22.      The settlor is a joint Representor with the trustee and the wife and the children (who are all adults and unmarried with no children) have confirmed they agree to the relief sought in the Representation.  Advocate Dickinson was appointed to represent the interest of the unborn and unascertained beneficiaries.  For the reasons set out in his detailed skeleton argument, he has concluded that there are no grounds upon which he could properly oppose the application. 

23.      In the circumstances we find the test for the application of the Hastings-Bass principle is met and we therefore set aside the 2008 deed and declare it to be of no effect, so that the trust fund continues to be held on the trusts that it has always been, namely those contained in the trust deed of 24th June, 1997. 

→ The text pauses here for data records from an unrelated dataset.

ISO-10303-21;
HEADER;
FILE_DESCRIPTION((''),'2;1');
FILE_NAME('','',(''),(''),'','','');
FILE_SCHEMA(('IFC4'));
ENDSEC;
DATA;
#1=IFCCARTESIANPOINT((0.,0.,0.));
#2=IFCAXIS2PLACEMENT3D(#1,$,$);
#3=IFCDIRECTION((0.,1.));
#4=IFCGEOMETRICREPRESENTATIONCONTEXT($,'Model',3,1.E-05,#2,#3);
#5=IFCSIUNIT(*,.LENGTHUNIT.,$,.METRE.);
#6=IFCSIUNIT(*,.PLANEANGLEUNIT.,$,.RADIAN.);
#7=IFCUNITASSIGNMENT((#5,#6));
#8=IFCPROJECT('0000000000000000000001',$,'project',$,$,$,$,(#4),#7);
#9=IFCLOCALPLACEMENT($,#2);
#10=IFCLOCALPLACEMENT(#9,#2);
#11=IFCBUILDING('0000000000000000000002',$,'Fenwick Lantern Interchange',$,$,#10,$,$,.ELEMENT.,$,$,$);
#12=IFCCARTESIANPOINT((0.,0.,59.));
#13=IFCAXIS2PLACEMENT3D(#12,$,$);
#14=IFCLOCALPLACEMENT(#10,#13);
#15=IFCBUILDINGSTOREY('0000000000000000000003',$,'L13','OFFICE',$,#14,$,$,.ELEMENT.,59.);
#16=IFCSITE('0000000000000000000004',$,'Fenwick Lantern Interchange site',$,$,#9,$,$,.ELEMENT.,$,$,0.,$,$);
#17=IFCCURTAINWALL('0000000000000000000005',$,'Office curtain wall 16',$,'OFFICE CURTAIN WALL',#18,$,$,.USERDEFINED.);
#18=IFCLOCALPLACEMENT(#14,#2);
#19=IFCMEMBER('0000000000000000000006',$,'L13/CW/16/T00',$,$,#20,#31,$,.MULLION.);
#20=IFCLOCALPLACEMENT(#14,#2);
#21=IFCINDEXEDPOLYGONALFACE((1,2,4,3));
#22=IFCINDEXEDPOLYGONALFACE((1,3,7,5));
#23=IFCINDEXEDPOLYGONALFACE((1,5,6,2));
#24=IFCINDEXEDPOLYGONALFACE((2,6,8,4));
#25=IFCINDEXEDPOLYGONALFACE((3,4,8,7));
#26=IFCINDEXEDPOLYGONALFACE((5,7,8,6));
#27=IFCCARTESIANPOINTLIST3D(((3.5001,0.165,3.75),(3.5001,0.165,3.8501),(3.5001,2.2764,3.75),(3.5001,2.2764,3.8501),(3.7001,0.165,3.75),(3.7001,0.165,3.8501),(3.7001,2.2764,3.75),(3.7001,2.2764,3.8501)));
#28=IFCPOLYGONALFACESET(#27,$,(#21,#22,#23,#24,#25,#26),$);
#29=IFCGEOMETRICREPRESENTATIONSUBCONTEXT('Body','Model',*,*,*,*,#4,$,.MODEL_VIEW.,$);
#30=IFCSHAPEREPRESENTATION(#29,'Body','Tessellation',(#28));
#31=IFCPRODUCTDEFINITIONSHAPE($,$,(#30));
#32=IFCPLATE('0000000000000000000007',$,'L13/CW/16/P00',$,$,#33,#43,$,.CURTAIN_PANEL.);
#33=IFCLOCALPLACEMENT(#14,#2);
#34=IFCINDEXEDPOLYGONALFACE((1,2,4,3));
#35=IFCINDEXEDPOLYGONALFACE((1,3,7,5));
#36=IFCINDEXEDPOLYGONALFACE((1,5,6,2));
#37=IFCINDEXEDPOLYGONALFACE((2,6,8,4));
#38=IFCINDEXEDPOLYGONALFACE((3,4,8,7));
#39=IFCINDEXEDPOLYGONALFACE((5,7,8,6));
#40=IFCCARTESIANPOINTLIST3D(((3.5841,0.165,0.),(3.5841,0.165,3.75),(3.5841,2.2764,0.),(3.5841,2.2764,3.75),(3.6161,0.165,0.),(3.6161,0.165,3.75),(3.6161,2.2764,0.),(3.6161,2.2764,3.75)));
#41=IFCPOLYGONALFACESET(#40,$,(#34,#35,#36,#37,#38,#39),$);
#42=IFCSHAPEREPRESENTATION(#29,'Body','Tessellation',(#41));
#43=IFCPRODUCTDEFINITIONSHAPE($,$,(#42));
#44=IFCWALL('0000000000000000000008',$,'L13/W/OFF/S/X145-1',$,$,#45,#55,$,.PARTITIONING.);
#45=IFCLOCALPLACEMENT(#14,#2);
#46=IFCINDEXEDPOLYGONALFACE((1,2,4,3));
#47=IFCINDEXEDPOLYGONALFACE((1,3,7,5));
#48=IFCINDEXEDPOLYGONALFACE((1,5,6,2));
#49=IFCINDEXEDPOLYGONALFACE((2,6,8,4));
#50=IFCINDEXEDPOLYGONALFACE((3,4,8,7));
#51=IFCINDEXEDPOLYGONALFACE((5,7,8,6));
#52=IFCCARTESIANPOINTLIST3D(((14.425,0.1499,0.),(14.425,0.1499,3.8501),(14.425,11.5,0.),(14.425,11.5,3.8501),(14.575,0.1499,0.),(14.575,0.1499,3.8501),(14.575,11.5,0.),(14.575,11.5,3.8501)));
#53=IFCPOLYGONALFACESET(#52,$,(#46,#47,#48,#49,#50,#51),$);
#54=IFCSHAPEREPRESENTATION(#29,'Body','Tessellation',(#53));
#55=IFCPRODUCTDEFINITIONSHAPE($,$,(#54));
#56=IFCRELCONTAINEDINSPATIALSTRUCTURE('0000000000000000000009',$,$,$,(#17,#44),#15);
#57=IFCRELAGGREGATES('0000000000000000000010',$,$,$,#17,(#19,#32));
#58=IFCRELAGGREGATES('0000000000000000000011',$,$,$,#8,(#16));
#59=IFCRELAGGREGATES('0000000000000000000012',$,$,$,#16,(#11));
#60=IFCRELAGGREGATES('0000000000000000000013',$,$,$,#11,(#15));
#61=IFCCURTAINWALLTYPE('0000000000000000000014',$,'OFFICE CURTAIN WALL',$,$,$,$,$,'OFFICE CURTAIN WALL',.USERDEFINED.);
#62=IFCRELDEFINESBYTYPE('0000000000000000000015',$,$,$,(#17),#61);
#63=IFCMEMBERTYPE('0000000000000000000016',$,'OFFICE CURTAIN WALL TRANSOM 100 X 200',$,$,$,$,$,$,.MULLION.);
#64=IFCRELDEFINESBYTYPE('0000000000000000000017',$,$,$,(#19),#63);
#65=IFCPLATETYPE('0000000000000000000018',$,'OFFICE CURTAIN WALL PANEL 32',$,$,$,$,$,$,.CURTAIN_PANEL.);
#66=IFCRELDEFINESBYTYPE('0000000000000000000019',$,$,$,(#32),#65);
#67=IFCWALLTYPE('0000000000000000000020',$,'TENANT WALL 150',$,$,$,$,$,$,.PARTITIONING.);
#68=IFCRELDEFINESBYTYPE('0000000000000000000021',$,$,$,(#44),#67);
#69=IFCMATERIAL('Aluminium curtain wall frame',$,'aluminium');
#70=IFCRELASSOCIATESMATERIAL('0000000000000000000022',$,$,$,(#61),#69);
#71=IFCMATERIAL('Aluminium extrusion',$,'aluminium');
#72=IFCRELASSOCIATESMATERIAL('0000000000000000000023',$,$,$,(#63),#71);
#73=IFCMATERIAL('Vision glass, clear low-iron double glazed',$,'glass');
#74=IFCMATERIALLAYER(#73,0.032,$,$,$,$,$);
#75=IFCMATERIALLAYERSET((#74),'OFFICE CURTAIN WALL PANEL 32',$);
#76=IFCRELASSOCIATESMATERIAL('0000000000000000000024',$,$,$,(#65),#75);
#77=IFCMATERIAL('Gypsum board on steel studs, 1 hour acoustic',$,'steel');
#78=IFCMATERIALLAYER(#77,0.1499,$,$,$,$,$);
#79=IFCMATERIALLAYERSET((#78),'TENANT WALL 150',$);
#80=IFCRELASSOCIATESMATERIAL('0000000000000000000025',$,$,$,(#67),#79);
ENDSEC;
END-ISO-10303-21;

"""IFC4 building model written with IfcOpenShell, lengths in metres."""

from ifc_helpers import new_model, si_unit, direction, frame, frame_2d, origin, origin_2d, place, context, subcontext, project, spatial, rectangle, extrude, material, layer, layer_set, material_profile, profile_set, type_object, element, aggregate, save


model = new_model("IFC4")

# Units and contexts
model_context = context("Model", 3, precision=1e-05, world=origin(), true_north=direction((0.0, 1.0)))
body_context = subcontext(model_context, "Body", "Model", "MODEL_VIEW")
ifc_project = project(units=[si_unit("LENGTHUNIT", "METRE"), si_unit("PLANEANGLEUNIT", "RADIAN")], contexts=[model_context])

# Site, building, storey
site_placement = place(None, origin())
site = spatial("IfcSite", under=ifc_project, at=site_placement, Name="Fenwick Lantern Interchange site", CompositionType="ELEMENT", RefElevation=0.0)
building_placement = place(site_placement, origin())
building = spatial("IfcBuilding", under=site, at=building_placement, Name="Fenwick Lantern Interchange", CompositionType="ELEMENT")
storey_placement = place(building_placement, frame((0.0, 0.0, 59.0)))
storey = spatial("IfcBuildingStorey", under=building, at=storey_placement, Name="L13", Description="OFFICE", CompositionType="ELEMENT", Elevation=59.0)

# Curtain wall
ifc_material_1 = material(Name="Aluminium curtain wall frame", Category="aluminium")
curtain_wall_type = type_object("IfcCurtainWallType", Name="OFFICE CURTAIN WALL", ElementType="OFFICE CURTAIN WALL", PredefinedType="USERDEFINED", material=ifc_material_1)
ifc_material_2 = material(Name="Aluminium extrusion", Category="aluminium")
curtain_wall_1_placement = place(storey_placement, origin())
curtain_wall_1 = element("IfcCurtainWall", 1, at=curtain_wall_1_placement, inside=storey, type_object=curtain_wall_type, Name="Office curtain wall 16", ObjectType="OFFICE CURTAIN WALL", PredefinedType="USERDEFINED")

# Member
ifc_material_profile_1 = material_profile(ifc_material_2, rectangle(XDim=0.2, YDim=0.1001, at=origin_2d()), Name="OFFICE CURTAIN WALL TRANSOM 100 X 200")
ifc_profile_set_1 = profile_set([ifc_material_profile_1], Name="Aluminium extrusion")
member_type_1 = type_object("IfcMemberType", Name="OFFICE CURTAIN WALL TRANSOM 100 X 200", PredefinedType="MULLION", material=ifc_profile_set_1)
member_1_placement = place(storey_placement, frame((3.6001, 2.2764, 3.8), z_axis=(0.0, -1.0, 0.0), x_axis=(1.0, 0.0, 0.0)))
member_1 = element("IfcMember", 2, at=member_1_placement, type_object=member_type_1, Name="L13/CW/16/T00", PredefinedType="MULLION", context=body_context, shape_type="SweptSolid", body=[
    extrude(rectangle(XDim=0.2, YDim=0.1001, at=origin_2d()), origin(), (0.0, 0.0, 1.0), 2.1113),
])

# Plate
ifc_material_3 = material(Name="Vision glass, clear low-iron double glazed", Category="glass")
ifc_layer_1 = layer(ifc_material_3, 0.032)
ifc_layer_set_1 = layer_set([ifc_layer_1], Name="OFFICE CURTAIN WALL PANEL 32")
plate_type = type_object("IfcPlateType", Name="OFFICE CURTAIN WALL PANEL 32", PredefinedType="CURTAIN_PANEL", material=ifc_layer_set_1)
plate_1_placement = place(storey_placement, frame((3.6001, 1.2207, 0.0), z_axis=(0.0, 0.0, 1.0), x_axis=(0.0, -1.0, 0.0)))
plate_1 = element("IfcPlate", 3, at=plate_1_placement, type_object=plate_type, Name="L13/CW/16/P00", PredefinedType="CURTAIN_PANEL", context=body_context, shape_type="SweptSolid", body=[
    extrude(rectangle(XDim=2.1113, YDim=0.032, at=origin_2d()), origin(), (0.0, 0.0, 1.0), 3.75),
])
aggregate(curtain_wall_1, [member_1, plate_1])

# Wall
ifc_material_4 = material(Name="Gypsum board on steel studs, 1 hour acoustic", Category="steel")
ifc_layer_2 = layer(ifc_material_4, 0.1499)
ifc_layer_set_2 = layer_set([ifc_layer_2], Name="TENANT WALL 150")
wall_type = type_object("IfcWallType", Name="TENANT WALL 150", PredefinedType="PARTITIONING", material=ifc_layer_set_2)
wall_placement = place(storey_placement, frame((14.5, 0.1499, 0.0), z_axis=(0.0, 0.0, 1.0), x_axis=(0.0, 1.0, 0.0)))
element("IfcWall", 4, at=wall_placement, inside=storey, type_object=wall_type, Name="L13/W/OFF/S/X145-1", PredefinedType="PARTITIONING", context=body_context, shape_type="SweptSolid", body=[
    extrude(rectangle(XDim=11.3501, YDim=0.1499, at=frame_2d((5.675, 0.0))), origin(), (0.0, 0.0, 1.0), 3.8501),
])

save(model, "model.ifc")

24.      We should add that, in the alternative, the Representation pleaded that the 2008 deed should be set aside on the grounds of a mistake.  In the light of our conclusion in relation to the Hastings-Bass principle, we have not found it necessary to consider that aspect. 

Authorities

Green GLG Trust [2002] JLR 571.

Freidman-v-Asiatrust Limited [2006] JRC 187.

Seaton Trustees Limited re the Winton Investment Trust [2007] JRC 206.

Leumi Overseas Trust Corporation Limited-v-Howe [2007] JRC 248.

Re Vistra Trust Company (Jersey) Limited [2008] JRC 111.

Re Seaton Trustees Limited [2009] JRC 050.

Sieff-v-Fox [2005] 1 WLR 3811.

Abacus Trust Company (Isle of Man) Limited-v-NSPCC [2001] WTLR 953.

Mettoy Pension Trustees Limited-v-Evans (1990) 1 WLR 1587.